My photo
Architect / Illustrator / PhD candidate in Architectural Design / Senior Teaching Fellow at The Bartlett School of Architecture, UCL liangifi_at_gmail_dot_com / Unless stated otherwise, all work on this blog is made by Ifigeneia Liangi, Athens, 1988.

16 February 2011



The project is about: Integration-Fun-Interaction

The idea of integration will partly lie on the interaction of the students of the school of architecture of Athens (15min walk from the site) with the students of the public school of the area (10-17 years old). The building is going to house student halls, about ten of them, and teaching spaces for students who want to give extra teaching support to the people from the area's public school.

From personal experience I know that these students have to learn at least three languages as they are immigrants -their mother language, greek and english. The public school's hours then are not sufficient for them and their parents cannot help them because they have to work longer than eight hours per day in order to survive. I am also familiar with the fact that their parents, although poor, are willing to pay a small amount of money to students who can help. In this way students will benefit as well from having space for more than one student that they generally have per lesson, stay in the halls for a year, and then leave for other students to come.

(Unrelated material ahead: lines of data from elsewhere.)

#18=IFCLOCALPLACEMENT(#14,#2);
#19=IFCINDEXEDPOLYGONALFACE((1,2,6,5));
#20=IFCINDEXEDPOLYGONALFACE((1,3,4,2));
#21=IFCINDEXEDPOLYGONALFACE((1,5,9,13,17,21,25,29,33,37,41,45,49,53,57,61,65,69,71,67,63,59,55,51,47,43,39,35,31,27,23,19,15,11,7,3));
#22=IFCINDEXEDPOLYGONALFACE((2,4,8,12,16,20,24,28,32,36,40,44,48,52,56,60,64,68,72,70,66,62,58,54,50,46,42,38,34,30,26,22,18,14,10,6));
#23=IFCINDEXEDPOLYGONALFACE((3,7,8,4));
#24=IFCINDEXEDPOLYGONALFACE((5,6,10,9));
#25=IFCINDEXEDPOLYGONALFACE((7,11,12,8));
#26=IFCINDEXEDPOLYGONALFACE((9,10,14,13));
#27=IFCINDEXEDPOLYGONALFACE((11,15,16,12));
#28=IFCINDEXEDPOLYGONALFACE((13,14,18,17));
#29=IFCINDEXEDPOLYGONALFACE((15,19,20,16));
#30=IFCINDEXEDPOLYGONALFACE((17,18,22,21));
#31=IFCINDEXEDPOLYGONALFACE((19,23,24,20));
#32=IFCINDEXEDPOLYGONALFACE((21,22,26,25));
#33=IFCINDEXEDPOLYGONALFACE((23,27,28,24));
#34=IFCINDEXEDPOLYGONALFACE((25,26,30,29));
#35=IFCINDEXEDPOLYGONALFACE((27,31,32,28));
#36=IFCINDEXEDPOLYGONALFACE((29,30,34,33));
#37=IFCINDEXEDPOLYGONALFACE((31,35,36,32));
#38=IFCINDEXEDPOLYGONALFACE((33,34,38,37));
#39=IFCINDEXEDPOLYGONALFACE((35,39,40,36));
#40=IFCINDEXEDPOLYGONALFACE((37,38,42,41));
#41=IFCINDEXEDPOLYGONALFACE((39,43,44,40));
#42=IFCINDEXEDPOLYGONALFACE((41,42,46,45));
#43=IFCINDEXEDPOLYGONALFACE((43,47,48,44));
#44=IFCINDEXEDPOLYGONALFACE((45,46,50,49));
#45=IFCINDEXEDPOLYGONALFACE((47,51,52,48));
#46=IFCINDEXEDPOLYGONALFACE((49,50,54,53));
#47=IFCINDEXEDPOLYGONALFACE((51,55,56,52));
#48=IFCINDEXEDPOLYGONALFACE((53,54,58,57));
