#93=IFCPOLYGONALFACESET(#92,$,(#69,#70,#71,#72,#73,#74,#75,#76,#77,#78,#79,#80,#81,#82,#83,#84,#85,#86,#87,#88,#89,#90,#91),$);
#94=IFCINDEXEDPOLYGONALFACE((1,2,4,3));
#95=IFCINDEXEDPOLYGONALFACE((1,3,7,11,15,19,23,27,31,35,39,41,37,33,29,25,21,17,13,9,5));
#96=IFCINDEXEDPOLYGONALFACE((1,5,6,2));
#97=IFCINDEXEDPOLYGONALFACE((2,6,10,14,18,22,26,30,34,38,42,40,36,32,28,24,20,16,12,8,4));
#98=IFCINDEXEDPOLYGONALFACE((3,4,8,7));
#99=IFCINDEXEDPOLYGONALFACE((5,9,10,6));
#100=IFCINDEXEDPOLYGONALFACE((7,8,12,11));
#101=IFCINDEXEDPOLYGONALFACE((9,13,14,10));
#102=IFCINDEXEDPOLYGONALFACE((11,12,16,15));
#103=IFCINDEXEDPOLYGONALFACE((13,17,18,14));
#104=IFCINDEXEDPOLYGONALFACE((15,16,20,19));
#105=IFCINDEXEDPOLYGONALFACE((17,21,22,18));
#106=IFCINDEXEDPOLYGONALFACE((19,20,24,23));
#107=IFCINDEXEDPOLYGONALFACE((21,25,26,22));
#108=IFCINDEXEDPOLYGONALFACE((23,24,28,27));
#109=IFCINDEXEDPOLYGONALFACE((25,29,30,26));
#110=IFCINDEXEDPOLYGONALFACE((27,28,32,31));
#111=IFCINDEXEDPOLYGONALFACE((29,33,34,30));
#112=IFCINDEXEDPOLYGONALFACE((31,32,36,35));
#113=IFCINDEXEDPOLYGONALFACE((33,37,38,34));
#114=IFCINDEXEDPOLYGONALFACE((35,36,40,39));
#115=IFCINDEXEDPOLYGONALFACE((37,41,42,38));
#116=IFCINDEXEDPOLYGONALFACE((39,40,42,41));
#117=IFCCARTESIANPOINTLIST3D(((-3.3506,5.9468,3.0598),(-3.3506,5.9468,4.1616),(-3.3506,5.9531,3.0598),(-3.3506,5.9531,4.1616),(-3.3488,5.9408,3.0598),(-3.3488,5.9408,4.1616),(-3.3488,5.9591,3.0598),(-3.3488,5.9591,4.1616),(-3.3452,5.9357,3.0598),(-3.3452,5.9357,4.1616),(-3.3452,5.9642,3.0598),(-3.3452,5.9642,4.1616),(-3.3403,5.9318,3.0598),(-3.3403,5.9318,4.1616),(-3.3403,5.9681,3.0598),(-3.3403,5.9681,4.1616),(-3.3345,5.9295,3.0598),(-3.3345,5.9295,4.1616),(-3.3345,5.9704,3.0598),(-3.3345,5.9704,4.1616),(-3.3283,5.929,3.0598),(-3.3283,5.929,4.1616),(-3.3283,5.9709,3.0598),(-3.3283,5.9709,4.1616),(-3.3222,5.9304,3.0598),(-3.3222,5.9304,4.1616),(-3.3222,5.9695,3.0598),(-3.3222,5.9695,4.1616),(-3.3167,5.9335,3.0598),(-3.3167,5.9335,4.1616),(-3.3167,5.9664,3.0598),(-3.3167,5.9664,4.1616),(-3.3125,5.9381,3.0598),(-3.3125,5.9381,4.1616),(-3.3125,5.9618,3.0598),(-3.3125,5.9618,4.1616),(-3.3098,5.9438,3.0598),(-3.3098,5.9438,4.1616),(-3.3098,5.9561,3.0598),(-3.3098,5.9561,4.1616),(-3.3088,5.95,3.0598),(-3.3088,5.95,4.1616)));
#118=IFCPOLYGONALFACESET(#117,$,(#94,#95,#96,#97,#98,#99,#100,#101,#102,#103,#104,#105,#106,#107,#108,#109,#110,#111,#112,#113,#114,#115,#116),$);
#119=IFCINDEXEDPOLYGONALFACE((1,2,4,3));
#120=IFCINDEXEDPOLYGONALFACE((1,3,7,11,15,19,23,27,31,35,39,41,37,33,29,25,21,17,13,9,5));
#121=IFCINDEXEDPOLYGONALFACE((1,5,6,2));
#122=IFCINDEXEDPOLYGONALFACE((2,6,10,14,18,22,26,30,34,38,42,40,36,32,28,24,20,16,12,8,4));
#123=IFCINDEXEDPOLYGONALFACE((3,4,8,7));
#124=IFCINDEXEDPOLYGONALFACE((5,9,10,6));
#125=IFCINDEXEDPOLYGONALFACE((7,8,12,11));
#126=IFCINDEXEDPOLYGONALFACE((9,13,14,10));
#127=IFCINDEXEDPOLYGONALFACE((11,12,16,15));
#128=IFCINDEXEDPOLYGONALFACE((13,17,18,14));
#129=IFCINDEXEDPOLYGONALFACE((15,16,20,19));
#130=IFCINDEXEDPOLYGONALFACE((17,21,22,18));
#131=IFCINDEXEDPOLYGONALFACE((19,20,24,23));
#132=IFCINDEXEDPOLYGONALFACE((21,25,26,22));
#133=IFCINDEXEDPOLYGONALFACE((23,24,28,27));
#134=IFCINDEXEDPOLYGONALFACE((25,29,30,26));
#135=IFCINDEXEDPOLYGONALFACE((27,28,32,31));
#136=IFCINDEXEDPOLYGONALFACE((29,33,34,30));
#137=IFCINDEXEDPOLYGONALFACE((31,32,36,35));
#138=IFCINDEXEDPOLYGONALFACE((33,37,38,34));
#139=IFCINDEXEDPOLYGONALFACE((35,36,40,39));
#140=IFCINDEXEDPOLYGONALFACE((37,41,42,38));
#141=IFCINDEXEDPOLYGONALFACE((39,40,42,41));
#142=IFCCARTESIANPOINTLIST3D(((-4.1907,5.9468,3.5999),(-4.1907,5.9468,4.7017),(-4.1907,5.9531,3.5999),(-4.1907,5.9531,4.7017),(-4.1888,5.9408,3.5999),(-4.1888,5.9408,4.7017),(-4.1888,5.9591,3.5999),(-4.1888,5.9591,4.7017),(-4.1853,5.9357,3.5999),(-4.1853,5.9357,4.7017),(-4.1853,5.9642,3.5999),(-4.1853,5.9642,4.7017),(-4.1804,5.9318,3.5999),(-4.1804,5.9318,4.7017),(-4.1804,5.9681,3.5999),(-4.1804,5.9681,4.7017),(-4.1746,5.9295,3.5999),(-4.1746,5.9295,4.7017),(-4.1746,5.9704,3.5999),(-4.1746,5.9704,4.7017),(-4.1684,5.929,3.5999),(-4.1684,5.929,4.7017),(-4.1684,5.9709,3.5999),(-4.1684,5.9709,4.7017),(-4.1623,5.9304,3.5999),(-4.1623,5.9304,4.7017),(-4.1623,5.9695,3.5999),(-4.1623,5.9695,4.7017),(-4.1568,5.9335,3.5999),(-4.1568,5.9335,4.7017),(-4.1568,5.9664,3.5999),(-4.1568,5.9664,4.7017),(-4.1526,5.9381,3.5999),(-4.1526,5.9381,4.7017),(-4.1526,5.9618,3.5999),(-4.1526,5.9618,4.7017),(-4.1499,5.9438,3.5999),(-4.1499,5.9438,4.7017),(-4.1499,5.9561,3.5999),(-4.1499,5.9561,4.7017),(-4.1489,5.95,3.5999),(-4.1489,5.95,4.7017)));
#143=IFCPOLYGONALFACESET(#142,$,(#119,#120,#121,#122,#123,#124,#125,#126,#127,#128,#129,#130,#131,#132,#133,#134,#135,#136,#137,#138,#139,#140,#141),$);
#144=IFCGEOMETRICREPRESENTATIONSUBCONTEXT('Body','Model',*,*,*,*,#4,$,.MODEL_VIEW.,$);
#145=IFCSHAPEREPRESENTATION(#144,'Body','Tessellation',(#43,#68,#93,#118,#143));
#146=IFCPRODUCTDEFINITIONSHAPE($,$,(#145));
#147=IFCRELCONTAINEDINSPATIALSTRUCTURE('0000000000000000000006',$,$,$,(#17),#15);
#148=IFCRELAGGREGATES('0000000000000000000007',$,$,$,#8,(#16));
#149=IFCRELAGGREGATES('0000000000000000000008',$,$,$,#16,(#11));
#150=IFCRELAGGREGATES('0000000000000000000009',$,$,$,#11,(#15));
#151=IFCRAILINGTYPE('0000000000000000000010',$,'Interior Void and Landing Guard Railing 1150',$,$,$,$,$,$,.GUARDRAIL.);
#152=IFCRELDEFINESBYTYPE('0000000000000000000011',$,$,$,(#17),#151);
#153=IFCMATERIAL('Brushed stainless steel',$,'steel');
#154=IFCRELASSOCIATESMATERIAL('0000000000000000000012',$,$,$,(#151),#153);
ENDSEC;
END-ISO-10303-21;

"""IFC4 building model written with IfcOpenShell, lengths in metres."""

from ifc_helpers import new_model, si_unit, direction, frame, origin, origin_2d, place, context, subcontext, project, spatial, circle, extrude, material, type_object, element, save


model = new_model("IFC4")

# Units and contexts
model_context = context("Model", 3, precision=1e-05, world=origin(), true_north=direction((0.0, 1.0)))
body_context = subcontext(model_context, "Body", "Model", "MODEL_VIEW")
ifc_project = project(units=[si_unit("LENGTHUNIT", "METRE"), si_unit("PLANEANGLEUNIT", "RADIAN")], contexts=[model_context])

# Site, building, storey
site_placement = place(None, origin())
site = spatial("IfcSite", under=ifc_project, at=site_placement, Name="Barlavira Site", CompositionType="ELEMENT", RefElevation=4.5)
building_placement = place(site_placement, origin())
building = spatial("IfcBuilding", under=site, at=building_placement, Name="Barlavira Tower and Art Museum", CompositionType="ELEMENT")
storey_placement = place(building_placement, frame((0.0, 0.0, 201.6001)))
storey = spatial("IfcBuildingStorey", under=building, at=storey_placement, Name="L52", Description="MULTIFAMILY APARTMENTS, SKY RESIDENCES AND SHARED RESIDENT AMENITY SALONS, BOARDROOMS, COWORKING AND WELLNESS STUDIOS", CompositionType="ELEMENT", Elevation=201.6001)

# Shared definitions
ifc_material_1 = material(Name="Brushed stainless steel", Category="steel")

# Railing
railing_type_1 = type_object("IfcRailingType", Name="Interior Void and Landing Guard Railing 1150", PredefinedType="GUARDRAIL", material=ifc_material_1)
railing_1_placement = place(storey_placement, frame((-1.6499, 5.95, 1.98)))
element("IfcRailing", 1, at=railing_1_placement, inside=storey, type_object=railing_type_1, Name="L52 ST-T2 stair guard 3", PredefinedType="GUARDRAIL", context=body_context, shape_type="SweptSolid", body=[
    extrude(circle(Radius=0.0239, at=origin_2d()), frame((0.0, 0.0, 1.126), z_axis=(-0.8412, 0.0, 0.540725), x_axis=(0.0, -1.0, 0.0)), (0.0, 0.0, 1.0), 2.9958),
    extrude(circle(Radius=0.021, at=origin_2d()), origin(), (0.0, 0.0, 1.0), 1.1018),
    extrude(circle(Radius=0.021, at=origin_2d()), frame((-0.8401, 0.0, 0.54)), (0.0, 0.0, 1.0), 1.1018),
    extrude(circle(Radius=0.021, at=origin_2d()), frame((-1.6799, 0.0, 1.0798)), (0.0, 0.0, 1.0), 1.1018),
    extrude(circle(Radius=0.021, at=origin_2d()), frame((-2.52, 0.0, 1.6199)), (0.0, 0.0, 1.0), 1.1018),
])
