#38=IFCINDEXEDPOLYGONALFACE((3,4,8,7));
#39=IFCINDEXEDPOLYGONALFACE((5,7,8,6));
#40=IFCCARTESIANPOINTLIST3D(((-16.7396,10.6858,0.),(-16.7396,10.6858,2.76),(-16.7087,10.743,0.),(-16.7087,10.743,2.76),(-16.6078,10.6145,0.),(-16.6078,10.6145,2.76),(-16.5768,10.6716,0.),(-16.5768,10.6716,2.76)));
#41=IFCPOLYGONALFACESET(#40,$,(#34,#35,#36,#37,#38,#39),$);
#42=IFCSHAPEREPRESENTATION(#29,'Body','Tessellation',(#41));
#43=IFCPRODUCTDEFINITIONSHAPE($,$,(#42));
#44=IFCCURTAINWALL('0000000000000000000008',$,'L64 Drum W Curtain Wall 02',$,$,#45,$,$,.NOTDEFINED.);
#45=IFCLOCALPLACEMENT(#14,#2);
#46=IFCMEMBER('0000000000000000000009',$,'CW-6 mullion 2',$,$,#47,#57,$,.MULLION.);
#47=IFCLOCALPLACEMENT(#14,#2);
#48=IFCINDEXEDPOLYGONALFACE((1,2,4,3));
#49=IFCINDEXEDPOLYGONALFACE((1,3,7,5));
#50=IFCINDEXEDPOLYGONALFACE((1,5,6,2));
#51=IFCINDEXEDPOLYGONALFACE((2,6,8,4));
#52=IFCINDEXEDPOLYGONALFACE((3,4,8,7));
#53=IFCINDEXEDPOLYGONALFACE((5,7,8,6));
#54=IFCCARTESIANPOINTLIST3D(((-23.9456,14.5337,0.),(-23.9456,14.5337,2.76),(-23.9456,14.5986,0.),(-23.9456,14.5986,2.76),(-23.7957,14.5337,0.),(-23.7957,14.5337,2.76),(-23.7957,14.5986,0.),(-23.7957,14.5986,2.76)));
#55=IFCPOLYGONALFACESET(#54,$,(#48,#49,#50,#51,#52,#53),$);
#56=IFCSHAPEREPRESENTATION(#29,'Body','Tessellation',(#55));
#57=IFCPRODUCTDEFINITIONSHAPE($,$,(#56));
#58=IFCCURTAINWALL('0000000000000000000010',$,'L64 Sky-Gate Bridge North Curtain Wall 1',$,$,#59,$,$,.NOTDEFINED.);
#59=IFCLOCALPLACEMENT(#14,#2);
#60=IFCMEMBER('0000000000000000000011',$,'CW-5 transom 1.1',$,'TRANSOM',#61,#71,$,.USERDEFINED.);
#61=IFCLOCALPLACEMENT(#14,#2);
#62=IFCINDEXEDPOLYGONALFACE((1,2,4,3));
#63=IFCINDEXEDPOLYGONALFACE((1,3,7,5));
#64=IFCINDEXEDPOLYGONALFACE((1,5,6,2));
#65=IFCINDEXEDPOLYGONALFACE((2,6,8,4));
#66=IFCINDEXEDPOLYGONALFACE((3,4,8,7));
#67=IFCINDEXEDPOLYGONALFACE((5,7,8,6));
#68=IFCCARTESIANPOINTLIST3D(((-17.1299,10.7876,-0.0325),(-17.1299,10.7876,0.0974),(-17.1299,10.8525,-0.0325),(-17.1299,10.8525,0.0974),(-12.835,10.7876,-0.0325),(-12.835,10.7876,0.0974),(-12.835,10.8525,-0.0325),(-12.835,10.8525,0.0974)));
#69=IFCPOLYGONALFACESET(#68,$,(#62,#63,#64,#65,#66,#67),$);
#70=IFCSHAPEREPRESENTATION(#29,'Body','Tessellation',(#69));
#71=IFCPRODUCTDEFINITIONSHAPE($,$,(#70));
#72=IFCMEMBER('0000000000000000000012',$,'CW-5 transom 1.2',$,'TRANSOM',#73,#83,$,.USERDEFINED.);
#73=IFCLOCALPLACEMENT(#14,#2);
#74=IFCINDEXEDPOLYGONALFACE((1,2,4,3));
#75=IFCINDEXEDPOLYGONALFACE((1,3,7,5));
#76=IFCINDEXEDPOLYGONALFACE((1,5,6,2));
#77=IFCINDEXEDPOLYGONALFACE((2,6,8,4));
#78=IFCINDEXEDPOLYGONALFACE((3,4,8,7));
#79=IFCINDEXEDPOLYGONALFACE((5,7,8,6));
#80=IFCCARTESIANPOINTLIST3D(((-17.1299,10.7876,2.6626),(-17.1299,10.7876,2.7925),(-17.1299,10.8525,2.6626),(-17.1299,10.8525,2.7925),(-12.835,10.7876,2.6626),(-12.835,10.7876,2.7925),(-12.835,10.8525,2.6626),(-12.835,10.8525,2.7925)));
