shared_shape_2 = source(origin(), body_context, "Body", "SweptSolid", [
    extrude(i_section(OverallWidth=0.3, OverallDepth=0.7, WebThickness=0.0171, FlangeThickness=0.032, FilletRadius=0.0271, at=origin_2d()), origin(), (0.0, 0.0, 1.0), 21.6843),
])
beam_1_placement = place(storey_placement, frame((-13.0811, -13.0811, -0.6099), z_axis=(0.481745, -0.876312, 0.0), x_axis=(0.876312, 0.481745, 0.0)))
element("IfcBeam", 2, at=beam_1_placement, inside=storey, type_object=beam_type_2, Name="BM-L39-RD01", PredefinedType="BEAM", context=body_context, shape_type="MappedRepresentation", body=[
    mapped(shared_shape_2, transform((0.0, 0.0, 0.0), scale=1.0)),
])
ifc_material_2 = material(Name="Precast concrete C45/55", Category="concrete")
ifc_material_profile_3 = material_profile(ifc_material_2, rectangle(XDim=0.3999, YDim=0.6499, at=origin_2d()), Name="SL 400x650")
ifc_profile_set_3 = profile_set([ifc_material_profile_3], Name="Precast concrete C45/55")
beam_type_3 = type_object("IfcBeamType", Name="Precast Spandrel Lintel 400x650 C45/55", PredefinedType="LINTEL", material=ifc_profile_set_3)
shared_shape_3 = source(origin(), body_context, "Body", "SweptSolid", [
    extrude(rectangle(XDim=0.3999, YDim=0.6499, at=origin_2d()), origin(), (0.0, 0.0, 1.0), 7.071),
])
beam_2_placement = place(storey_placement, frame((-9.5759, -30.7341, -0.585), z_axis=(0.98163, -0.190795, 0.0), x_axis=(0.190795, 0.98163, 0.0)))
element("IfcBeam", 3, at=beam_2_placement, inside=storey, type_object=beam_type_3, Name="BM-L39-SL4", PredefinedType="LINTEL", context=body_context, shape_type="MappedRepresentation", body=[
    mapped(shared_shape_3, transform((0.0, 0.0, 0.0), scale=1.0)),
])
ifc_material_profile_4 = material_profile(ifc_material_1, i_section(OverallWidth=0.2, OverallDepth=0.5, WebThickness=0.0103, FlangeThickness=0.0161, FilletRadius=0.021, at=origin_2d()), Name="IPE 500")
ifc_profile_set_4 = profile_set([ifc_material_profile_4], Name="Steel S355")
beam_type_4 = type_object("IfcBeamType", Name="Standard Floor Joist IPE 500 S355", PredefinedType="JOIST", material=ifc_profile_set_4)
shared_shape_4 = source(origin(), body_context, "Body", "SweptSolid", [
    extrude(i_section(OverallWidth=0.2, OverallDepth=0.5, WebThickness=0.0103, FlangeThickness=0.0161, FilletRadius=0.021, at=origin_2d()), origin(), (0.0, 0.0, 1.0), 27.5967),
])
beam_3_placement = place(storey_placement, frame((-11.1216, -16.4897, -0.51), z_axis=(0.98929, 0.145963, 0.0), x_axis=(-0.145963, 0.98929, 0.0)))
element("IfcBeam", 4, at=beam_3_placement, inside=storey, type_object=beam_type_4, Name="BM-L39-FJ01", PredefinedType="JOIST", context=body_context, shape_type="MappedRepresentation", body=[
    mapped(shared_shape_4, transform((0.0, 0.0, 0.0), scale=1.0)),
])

The building is then going to have public as well as private spaces with a garden being formed at the top of the church, expanding at its northern part and a playground-theatre in the centre of the square. The private aspect of the project is going to work as surveillance for the site and prevent it from becoming a dangerous place at night. Open spaces for the people to walk three levels above the ground with a view to the park will then be formed in between and on the terraces of the student halls which I want to look as separate types of "installation houses", each one having its own character and details. For the composition of the building I am using 3D modelling in combination with 2D drawings. 3D is interesting because I am able to see the interaction of the volumes and the creation of spaces that i hadn't imagined, that are "out of scale" (for kids?), or spaces that allow views which are framed by the rest of the building in a way that it makes it look like a squared framed canvas. And this is an idea that I would like to explore through film maybe later on.  

The halls are going to stand on a long strip linking the church with the theatre and the idea of shifting the “up and down” existing social class division in the blocs of flats around the square will lie within the tallest part of the building being accessible to everyone and an entrance to the gardens on the top and the northern side of the church.